Using the inverse cosine function (arccos or cos^(-1)), we find the solutions:

arccos(-1/2) = 2π/3 + 2πk or 4π/3 + 2πk, where k is an integer.

Now, we'll combine the solutions from both equations and find the common values for x:

For Case 1: 3x = -π/6 + 2πk For Case 2: 3x = 7π/6 + 2πk

For cos(x) = -1/2: x = 2π/3 + 2πk or x = 4π/3 + 2πk

Now, we need to find the values of x that satisfy both conditions.

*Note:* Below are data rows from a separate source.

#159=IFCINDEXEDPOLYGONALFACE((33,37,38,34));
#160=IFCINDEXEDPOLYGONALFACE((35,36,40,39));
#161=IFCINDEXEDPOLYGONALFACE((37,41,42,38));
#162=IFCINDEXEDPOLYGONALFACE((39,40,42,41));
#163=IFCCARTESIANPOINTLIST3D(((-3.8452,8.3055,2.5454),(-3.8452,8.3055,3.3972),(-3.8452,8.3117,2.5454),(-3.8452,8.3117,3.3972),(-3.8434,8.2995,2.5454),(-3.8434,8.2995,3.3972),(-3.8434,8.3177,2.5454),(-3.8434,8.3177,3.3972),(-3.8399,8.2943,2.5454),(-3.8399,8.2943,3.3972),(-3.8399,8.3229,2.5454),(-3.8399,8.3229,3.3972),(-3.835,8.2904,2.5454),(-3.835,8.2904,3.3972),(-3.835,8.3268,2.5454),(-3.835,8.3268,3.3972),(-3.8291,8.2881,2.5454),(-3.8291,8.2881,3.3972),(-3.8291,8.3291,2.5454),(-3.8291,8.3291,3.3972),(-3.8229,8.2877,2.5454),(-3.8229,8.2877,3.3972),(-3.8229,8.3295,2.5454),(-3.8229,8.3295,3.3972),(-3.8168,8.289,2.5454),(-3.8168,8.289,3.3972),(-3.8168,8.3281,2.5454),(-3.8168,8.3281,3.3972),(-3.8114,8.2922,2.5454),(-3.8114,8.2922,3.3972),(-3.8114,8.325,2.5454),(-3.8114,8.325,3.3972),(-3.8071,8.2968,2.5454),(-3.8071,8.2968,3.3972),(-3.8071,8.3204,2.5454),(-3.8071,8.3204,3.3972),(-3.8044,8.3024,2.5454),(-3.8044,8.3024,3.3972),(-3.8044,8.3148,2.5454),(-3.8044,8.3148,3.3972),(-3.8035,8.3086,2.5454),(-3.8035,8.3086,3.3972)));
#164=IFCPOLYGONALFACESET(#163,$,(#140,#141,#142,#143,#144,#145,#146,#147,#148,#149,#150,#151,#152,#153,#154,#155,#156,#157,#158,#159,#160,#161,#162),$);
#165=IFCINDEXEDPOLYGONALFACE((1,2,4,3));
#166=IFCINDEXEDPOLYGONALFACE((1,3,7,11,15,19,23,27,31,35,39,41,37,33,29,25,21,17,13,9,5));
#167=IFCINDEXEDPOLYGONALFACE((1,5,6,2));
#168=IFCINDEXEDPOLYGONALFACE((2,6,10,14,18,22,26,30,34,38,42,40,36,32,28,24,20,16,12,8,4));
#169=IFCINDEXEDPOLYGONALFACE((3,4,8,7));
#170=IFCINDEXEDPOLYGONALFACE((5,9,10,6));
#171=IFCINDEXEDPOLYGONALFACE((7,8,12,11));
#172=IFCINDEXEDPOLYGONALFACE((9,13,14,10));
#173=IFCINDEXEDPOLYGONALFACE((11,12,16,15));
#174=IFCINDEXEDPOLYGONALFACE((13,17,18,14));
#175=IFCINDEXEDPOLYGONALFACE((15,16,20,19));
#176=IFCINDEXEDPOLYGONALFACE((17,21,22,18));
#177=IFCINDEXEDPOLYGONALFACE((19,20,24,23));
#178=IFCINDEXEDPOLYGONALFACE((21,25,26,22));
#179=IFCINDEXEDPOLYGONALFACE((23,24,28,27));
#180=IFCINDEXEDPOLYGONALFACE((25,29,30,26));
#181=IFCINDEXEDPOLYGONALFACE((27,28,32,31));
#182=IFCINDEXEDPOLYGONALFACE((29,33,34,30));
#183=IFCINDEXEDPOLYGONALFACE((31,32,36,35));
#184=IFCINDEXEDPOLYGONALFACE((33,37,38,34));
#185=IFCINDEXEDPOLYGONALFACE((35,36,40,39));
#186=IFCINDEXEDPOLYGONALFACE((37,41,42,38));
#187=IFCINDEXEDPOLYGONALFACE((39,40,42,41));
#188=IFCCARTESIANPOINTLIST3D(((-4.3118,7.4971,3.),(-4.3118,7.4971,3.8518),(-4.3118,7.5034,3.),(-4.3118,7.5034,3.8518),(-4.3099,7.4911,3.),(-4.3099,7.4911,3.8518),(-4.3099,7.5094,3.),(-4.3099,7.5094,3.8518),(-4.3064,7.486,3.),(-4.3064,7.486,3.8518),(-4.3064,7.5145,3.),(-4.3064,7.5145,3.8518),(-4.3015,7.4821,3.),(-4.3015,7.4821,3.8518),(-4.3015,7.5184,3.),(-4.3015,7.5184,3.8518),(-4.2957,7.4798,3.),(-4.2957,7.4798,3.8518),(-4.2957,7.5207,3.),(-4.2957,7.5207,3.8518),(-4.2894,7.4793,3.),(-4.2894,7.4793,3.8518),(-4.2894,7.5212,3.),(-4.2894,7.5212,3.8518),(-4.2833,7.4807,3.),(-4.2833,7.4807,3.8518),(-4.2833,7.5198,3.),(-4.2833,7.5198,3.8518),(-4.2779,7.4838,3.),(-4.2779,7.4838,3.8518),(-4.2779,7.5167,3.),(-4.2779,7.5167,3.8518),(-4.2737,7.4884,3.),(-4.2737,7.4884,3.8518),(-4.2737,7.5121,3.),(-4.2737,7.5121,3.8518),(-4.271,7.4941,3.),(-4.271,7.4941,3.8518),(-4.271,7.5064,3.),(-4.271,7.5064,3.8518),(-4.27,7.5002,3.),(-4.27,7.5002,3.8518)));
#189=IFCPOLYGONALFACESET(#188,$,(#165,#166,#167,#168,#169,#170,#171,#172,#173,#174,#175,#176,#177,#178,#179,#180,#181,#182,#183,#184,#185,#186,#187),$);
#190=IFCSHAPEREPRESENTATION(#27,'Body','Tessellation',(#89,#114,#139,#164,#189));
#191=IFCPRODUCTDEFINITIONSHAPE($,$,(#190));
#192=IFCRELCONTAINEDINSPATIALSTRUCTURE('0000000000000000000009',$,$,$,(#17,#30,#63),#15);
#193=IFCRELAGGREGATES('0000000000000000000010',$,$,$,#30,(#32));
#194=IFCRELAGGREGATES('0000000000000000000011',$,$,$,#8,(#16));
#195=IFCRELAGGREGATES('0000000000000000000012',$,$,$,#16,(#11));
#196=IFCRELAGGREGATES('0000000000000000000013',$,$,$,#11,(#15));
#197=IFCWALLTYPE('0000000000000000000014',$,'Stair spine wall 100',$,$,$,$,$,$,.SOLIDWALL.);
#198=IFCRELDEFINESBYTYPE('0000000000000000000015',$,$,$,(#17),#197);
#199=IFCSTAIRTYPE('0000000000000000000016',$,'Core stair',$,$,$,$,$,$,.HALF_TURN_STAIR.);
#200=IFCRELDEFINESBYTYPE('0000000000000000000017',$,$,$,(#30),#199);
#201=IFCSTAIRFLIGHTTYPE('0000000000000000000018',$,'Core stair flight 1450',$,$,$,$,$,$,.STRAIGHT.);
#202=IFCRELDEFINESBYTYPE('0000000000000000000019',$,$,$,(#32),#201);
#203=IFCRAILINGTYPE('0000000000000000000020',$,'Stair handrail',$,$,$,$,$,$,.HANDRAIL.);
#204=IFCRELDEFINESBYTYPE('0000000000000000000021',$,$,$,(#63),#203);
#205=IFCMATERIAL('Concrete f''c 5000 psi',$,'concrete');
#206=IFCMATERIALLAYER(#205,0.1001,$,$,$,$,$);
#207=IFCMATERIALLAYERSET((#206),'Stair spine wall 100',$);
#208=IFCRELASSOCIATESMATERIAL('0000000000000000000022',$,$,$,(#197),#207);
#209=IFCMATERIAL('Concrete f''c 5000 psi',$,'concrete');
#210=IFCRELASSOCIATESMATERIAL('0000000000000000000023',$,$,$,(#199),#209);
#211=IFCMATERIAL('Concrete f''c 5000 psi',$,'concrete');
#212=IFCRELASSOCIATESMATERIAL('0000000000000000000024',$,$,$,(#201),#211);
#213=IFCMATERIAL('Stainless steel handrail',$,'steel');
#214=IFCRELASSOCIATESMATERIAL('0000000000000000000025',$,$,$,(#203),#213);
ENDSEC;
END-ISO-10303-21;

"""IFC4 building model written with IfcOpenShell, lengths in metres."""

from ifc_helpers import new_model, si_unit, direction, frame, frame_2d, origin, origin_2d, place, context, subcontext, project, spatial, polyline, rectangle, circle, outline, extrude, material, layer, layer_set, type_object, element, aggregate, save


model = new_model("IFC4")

For x = 2π/3 + 2πk: 3(2π/3 + 2πk) = -π/6 + 2πk 2π + 6πk = -π/6 + 2πk

Simplifying, we get: 4π + 12πk = -π + 12πk 4π = -π

This equation has no solutions.

For x = 4π/3 + 2πk: 3(4π/3 + 2πk) = -π/6 + 2πk 4π + 12πk = -π/6 + 2πk

Simplifying, we get: 8π + 24πk = -π + 12πk 8π = -π

This equation has no solutions.

In conclusion, there are no values of x that satisfy the equation sin(3x) = -1/2 - 2cos(x) = 1.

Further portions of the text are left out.